As canções do filme Eu, Tu, Eles , de Andrucha Waddington, apresentado esta semana no Festival de Cannes, na verdade são basicamente do repertório do divino rei do baião, Luiz Gonzaga (nem sempre de sua autoria), e três inéditas do próprio Gil. No show houve acréscimos de outros autores que beberam na fonte de Gonzaga. É o caso de Caetano Veloso ( Cajuína ), Dominguinhos ( Só Quero um Xodó e Pedras que Cantam ), e do próprio Gil ( Refazenda , De Onde Vem o Baião , Expresso 2222 ). Além dessas, há parcerias de Gil com os dois primeiros, como São João Xangô Menino e Lamento Sertanejo , respectivamente.
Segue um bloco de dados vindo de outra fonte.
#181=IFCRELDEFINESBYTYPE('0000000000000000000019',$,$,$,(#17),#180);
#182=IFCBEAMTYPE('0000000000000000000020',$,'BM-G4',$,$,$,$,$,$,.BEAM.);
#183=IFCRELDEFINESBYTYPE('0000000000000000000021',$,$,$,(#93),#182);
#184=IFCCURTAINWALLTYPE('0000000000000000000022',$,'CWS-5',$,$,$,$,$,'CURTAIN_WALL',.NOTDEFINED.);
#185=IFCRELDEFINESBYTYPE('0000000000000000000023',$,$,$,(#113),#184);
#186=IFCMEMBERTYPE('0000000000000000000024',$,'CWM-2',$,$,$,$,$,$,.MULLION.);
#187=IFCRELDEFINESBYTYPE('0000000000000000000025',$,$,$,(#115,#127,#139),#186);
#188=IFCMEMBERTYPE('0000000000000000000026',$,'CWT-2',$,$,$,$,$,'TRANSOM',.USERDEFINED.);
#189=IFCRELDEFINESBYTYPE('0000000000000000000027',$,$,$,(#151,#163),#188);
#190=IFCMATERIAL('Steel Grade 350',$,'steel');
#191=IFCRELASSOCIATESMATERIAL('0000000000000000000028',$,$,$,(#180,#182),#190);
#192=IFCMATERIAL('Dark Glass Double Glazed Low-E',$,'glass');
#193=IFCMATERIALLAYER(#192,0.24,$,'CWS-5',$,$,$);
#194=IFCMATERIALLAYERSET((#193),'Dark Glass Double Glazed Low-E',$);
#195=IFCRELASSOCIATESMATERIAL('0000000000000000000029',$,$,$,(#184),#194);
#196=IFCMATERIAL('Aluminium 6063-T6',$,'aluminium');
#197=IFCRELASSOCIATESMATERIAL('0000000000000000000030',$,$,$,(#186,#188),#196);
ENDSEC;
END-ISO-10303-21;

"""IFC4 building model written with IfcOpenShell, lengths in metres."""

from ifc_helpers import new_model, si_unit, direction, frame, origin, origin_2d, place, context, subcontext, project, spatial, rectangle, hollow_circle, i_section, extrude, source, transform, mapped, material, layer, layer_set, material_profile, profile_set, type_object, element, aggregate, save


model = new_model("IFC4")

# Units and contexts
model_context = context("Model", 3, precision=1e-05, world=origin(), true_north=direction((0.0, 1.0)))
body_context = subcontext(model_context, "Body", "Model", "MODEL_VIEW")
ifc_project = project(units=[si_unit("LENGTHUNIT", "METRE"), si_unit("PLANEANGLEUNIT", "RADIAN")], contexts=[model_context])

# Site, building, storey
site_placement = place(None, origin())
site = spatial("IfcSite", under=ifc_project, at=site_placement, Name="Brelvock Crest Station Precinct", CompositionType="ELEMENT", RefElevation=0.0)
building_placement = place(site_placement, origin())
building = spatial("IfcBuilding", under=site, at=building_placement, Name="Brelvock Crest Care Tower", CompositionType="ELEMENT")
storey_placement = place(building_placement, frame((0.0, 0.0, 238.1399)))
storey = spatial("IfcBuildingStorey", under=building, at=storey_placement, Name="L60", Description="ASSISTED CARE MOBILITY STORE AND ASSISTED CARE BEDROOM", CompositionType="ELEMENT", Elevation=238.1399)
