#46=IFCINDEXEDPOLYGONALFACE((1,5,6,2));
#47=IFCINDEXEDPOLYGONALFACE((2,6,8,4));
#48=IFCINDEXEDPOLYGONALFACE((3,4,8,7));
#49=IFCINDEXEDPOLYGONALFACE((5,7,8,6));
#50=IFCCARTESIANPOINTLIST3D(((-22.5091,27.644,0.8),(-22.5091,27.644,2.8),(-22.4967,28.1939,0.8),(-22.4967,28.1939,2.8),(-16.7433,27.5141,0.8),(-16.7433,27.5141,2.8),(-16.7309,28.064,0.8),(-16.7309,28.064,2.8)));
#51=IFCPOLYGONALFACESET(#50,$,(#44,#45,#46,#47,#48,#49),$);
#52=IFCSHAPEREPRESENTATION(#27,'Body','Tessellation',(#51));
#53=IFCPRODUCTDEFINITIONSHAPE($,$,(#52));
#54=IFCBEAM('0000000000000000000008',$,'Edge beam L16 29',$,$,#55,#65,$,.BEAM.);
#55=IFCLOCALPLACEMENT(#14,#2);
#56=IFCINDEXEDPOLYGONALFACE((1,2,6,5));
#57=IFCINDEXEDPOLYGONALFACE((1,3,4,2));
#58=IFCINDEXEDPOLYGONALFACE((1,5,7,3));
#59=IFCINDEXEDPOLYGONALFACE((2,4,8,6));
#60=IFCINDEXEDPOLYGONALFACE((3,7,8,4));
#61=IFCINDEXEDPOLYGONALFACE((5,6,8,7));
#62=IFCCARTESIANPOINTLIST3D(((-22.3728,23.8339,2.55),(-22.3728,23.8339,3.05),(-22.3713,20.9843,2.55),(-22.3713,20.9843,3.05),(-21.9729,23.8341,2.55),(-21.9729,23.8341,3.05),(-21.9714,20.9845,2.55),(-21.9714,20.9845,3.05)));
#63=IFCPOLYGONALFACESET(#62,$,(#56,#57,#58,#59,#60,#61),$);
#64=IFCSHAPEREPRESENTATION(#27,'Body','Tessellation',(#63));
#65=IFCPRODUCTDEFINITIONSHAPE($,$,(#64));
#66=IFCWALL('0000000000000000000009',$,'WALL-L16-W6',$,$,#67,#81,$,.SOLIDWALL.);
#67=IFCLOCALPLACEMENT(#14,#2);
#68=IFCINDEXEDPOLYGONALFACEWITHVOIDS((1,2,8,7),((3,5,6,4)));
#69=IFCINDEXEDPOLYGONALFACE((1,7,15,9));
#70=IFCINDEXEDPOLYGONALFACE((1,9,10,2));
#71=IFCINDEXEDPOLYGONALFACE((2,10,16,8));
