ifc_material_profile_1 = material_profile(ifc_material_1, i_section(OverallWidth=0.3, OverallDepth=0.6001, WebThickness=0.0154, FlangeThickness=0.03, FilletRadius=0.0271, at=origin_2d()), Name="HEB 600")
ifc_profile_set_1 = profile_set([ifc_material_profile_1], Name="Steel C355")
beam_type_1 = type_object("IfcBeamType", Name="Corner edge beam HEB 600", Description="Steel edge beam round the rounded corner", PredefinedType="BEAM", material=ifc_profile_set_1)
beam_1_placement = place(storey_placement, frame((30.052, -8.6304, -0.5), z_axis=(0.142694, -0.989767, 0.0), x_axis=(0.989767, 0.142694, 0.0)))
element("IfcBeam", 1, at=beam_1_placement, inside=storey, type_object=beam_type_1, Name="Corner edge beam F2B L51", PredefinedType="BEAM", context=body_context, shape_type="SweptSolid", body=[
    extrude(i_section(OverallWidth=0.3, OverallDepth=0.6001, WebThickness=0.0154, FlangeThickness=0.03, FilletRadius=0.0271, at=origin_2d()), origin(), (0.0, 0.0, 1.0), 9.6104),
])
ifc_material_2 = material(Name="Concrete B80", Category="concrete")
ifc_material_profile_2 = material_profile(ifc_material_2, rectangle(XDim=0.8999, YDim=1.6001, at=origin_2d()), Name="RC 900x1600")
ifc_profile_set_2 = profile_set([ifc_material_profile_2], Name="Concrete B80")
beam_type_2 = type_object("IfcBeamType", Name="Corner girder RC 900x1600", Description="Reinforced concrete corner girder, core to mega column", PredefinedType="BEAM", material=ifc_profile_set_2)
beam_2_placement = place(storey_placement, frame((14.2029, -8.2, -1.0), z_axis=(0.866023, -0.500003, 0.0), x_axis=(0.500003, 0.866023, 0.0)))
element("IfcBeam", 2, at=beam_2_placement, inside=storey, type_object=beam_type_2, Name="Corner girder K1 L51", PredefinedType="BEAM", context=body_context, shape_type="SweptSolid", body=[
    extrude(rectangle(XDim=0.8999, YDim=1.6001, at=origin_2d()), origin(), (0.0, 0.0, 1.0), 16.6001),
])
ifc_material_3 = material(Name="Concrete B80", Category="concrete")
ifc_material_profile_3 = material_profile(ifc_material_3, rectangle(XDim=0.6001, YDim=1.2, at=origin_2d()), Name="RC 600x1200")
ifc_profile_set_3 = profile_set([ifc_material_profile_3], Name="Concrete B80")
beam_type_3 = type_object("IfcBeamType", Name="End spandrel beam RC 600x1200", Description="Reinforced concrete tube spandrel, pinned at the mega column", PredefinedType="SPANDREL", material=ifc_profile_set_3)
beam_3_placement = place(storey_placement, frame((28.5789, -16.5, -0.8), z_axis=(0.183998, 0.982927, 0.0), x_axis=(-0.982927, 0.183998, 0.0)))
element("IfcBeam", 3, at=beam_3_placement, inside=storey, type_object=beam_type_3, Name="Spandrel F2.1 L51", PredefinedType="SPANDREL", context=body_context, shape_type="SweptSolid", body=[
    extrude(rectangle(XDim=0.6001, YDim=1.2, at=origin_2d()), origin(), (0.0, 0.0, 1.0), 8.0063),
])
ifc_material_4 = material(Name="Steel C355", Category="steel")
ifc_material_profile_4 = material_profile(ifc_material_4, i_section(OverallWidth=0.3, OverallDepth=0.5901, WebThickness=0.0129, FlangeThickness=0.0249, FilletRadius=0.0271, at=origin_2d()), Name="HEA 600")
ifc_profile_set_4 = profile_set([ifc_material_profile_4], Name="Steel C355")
Com cenário de bom gosto, iluminação correta e indumentária clean dos músicos – estavam todos de branco – contrastando com aquele ritmo que de clean não tem nada, o show serve para realçar a ótima música que o povão curtia na virada dos anos 40 para os 50. Era boa demais! Qui nem Jiló, Asa Branca, Olha pro Céu ou Último Pau de Arara são absolutamente irresistíveis. O ponto alto do show veio já quase no final com a seqüência que trazia o xaxado arretado Vem Morena, a infalível Expresso 2222 e a esperançosa A Volta da Asa Branca.

As músicas inéditas não chegam a ser brilhantes nem tampouco empolgam o público. Aliás, encerrar o show com uma delas, Esperando na Janela, foi uma escolha equivocada, mas tanto esta quanto as outras duas não chegam a comprometer o espetáculo, já que tudo o que vem de Gil é sempre, no mínimo, interessante. O show é, na realidade, sem compromisso. Só vai até domingo, no Rio, e encerra a temporada nos dias 9 e 10 de junho no Via Funchal, em São Paulo. O CD que deu origem à apresentação, como Gil comentou duas vezes, foi gravado em 11 dias e mixado em quatro. E o show é apenas um passeio por canções nordestinas clássicas. Não pretende ser mais do que isso.

No mais, Gil estava simpático. Convocou a platéia para ir no próximo domingo ao final do Leblon, no Rio, protestar contra o novo projeto de lei florestal. E celebrou seu ídolo de infância, Luiz Gonzaga, explicando que conseguiu reproduzir a batida do baião para o violão antes daquela imortal de bossa nova, de João Gilberto. Só tropeçou nas datas. Disse que tudo isso começou em 1941, “quando apareceu a palavra baião pela primeira vez num disco de Luiz Gonzaga, da mesma forma como ocorreu com Donga em 1917 com Pelo Telefone”. Dois erros. Na verdade, Gonzagão estreou realmente em 41, porém como instrumentista, gravando valsas, mazurcas, e posteriormente polcas, xamegos e choros. A primeira gravação atinando para o novo gênero foi da antológica Baião – incluída no roteiro do show – pelo grupo Quatro Ases e um Coringa, em 46. E Gonzagão só a gravaria três anos depois. O outro erro foi sobre Pelo Telefone. O primeiro samba gravado que se tem notícia foi em 1908 e se chama Quando a Mulher Não Quer, gravado pelo cançonetista Arthur. Erros esclarecidos, resta apenas xaxar à vontade.